それに対してトランプが持ち出したのは次のようなイメージでした。2週間前の出来事だという振れ込みでした。美しく可愛い子どもが医者に連れられて行った。そこで、馬に打つような大きな注射器で、ワクチンを接種された。そして2週間後には高熱が出て、その結果として今は自閉症になっている。これが現実だという主張です。

《「事実では人を説得できない」》

それを聞いていたシャロットさんは、心理学と神経科学の専門家であるのと、同時に当時2歳半と生まれて7週間の2人の子どもの母親だったのですが、トランプが描いたイメージに大きな影響を受けたと述べています。

科学的にはワクチン接種が自閉症を起こすことはないと知ってはいたものの、もし自分の子どもが病気になったらと考え、またワクチン接種のをする注射器の大きさも普通のものである事は分っていても、馬に打つ注射器という大きさのイメージと、その結果起こる子どもへの影響に頭が支配されてしまった、そしてトランプの結論に引きずられたという経験をしたと告白しています。

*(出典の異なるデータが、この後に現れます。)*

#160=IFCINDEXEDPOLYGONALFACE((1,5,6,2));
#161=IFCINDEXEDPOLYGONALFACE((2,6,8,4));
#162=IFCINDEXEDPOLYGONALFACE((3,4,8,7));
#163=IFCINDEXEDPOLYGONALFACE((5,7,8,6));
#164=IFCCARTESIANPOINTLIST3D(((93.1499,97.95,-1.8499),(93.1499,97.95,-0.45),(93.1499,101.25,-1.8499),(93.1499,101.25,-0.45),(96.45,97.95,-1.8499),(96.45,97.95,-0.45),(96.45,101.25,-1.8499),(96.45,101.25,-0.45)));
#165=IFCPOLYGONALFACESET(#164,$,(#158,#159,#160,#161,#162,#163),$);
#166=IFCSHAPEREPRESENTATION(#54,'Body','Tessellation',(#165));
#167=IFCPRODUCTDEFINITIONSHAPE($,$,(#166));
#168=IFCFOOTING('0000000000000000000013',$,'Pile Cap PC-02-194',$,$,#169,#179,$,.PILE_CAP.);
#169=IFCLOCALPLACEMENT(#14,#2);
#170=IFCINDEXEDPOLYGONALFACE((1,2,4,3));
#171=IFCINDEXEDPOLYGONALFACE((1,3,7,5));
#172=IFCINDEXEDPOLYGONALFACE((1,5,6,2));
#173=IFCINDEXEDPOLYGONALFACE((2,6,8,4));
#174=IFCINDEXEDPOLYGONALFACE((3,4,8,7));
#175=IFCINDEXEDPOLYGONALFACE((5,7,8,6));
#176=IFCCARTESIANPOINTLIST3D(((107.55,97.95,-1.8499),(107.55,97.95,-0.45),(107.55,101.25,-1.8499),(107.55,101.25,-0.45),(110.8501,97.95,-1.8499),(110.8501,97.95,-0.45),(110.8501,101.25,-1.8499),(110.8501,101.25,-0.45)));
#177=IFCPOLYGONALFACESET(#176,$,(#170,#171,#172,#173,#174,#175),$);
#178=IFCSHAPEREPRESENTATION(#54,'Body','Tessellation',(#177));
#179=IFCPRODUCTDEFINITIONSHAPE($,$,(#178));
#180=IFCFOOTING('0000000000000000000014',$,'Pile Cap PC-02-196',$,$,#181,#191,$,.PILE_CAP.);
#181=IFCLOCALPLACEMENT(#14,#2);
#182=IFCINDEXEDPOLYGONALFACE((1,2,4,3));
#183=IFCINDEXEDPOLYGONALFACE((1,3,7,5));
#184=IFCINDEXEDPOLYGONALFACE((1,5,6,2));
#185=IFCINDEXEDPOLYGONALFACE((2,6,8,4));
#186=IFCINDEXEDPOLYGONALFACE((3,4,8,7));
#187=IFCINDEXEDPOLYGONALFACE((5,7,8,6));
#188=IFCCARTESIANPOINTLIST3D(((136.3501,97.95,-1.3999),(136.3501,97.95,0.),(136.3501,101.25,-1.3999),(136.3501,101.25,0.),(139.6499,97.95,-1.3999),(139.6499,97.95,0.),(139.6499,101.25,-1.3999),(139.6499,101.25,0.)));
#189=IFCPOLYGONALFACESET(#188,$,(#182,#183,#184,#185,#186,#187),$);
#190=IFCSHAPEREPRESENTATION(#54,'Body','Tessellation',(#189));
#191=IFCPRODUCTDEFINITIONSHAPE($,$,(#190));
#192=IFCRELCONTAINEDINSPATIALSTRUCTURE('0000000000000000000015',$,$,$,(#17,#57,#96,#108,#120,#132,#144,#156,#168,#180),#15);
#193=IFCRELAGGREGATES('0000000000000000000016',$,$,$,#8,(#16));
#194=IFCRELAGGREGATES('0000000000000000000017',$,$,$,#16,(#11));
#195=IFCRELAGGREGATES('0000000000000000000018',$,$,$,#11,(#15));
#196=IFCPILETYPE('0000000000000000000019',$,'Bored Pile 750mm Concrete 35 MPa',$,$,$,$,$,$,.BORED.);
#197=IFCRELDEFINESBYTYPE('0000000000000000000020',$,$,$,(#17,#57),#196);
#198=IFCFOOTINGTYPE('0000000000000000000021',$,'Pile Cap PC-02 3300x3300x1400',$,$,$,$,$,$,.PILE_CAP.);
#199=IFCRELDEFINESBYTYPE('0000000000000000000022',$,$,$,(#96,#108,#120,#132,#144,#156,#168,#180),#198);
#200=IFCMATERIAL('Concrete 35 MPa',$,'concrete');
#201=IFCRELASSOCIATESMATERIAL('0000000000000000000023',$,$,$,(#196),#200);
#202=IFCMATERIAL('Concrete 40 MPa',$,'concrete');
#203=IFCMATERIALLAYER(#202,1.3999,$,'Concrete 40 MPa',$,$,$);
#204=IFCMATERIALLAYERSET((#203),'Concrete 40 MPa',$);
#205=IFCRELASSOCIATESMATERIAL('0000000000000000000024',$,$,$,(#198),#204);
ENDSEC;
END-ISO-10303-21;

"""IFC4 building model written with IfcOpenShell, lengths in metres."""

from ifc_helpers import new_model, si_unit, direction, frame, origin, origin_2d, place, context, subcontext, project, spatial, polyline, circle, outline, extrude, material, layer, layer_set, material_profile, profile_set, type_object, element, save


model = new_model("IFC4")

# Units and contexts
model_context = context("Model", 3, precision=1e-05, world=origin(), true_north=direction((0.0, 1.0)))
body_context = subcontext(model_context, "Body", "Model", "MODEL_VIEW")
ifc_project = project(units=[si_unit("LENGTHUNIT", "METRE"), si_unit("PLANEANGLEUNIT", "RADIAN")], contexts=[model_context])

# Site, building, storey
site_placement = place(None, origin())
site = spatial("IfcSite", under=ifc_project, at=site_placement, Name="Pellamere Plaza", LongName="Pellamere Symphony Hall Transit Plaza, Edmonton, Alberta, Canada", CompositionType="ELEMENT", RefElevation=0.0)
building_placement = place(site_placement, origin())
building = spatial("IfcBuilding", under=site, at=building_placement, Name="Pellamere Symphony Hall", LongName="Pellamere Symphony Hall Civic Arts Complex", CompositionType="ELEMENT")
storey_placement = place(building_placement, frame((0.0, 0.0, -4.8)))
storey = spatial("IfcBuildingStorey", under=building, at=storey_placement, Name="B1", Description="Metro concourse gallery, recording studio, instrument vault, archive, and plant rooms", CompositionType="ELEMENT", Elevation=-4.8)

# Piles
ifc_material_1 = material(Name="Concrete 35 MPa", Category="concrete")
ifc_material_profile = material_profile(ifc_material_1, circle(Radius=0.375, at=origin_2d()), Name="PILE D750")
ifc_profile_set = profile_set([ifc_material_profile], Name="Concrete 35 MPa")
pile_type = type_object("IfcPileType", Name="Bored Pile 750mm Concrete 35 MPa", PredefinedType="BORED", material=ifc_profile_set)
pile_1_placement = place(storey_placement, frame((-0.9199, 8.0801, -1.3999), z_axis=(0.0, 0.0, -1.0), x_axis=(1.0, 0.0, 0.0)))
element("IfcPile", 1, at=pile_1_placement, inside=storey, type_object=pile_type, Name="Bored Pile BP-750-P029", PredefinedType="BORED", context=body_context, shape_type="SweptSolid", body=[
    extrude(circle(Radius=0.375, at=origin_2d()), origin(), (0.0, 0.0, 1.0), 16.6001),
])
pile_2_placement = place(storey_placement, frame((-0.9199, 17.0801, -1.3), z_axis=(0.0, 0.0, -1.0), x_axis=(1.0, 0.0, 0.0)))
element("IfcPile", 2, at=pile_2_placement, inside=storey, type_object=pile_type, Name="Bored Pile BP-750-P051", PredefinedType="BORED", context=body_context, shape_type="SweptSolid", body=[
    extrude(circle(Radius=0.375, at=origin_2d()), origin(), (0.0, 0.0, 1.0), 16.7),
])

頭の中の知的な部分では、カーソン候補の言い分を理解していても、その他の全てはトランプ候補のイメージに影響されてしまった、とこの時の経験をまとめています。

つまり科学的あるいは医学的な事実を人に示すことで、その人の信じていることや、感情によって支配されている思い、あるいは信念と言っても良いのかもしれませんが、それをを変えさせる結果にはならないのです。

ではどうすればいいのか、シャロットさんはこの本の中で説明をしています。進化論も役に立つようです。その内容はこれから数回、簡単にまとめますが、それとは別に私たちは例えば教育者として、あるいは政治活動をする上で、人を説得するために、その他日常的に人間関係を良くするために、様々な努力をしてきています。

その結果、ほとんどの人が、他人を説得することの難しさは御存じのはずですし、同時にどのような説得方法がより効果的であるかについての経験則もお持ちだと思います。それを全て捨てて、新たな学習をしなくてはならないのでしょうか。ちょっと心配ですが、「魔法の杖」を貰える可能性もあります。シャロットさんの「説得」を聞いてみましょう。

 

今年一年が皆様にとって良い年になりますよう、お祈り申し上げます。